If you criticize a persistent polluter
like Duke, you’re called anti-business or someone who hates capitalism.
And that’s a falsehood.
Those
who hate the EPA so much, ought to go down to the Dan River and imagine
it as your main water source. It seems like the only time people
realize the importance of something is when they have to deal with it in
real terms.
About the fine Duke has to pay, it’s just over $100 million. $100 million sounds like a lot of money.

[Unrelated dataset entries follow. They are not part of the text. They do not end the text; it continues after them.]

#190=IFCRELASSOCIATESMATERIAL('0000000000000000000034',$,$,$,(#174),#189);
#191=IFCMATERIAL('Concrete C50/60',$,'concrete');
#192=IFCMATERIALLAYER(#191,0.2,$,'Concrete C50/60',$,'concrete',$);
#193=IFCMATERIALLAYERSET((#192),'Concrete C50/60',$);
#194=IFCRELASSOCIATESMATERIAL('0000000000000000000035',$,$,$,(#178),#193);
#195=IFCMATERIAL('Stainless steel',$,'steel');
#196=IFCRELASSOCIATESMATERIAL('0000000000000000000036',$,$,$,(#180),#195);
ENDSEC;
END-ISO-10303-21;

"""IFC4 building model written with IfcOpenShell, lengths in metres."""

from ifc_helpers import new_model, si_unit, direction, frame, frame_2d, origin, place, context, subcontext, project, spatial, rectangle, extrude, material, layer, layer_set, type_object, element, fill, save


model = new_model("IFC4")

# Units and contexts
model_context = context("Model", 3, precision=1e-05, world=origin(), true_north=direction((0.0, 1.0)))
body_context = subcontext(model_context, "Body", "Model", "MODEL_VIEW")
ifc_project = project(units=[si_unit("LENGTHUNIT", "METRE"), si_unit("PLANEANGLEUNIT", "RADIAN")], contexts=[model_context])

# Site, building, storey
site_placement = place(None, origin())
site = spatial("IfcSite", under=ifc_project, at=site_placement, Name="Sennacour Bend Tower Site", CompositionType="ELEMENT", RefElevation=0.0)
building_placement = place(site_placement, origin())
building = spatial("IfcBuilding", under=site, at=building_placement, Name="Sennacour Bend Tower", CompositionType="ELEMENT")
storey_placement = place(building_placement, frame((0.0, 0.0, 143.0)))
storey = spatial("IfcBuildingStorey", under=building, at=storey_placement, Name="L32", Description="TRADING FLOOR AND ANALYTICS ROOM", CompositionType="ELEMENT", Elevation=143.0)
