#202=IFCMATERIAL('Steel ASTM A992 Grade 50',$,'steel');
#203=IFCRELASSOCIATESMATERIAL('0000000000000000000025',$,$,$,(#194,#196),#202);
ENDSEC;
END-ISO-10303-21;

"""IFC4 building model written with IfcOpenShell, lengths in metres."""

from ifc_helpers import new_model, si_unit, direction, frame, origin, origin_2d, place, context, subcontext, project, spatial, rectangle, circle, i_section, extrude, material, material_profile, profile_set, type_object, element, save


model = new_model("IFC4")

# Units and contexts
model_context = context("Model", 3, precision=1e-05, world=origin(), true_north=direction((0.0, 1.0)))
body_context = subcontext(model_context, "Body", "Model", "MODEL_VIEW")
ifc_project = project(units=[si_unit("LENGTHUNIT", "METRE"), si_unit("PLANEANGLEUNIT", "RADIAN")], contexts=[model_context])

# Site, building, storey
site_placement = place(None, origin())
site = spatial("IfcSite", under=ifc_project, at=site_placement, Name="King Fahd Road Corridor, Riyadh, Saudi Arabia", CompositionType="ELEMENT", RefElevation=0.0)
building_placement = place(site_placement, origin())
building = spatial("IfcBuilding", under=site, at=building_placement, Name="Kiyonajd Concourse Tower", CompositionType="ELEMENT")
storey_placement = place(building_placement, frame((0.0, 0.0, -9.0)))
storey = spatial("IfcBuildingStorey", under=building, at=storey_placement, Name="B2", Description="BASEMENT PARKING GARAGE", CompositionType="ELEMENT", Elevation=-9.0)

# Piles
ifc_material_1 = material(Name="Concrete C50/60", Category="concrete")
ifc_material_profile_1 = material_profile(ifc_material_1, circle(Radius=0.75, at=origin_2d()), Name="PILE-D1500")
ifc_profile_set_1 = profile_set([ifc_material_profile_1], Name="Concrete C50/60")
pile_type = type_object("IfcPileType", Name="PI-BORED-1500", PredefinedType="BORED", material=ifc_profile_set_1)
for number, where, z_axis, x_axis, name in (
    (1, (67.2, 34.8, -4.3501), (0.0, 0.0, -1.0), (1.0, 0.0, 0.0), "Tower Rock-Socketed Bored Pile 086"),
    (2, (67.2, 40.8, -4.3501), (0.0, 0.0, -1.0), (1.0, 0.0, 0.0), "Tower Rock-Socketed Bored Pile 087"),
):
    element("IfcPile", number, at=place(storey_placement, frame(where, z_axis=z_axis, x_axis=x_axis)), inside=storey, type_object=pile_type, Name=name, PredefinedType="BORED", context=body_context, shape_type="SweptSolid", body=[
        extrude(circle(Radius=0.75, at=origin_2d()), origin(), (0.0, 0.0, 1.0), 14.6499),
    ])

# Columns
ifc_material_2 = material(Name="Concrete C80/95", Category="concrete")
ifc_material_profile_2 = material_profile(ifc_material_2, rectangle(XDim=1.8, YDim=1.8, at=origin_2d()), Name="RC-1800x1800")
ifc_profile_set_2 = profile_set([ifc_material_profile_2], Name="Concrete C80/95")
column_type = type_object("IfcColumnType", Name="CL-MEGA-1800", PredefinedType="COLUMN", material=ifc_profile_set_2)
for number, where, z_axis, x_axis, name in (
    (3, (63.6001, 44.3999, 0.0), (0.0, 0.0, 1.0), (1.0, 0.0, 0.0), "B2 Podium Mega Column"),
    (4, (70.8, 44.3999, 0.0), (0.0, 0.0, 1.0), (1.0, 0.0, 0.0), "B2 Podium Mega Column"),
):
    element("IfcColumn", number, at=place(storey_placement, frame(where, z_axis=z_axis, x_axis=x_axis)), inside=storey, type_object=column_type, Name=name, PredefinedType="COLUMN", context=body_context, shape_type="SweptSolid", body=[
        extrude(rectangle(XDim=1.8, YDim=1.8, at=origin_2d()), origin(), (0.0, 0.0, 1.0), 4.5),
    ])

Yet Duke’s stock price has gone up 11
percent since the spill. And its market capitalization (that’s how much
Duke stock is owned by shareholders) is $56.3 billion. Pay $100 million
but you’re worth $56 billion? For those of you who are bad at math like
me, it’s like you have a hundred dollars and someone fined you about 18
cents.
In its most recent financial statement,
Duke reported $5.56 billion in revenue. In other words, the fine just
won’t matter much to Duke.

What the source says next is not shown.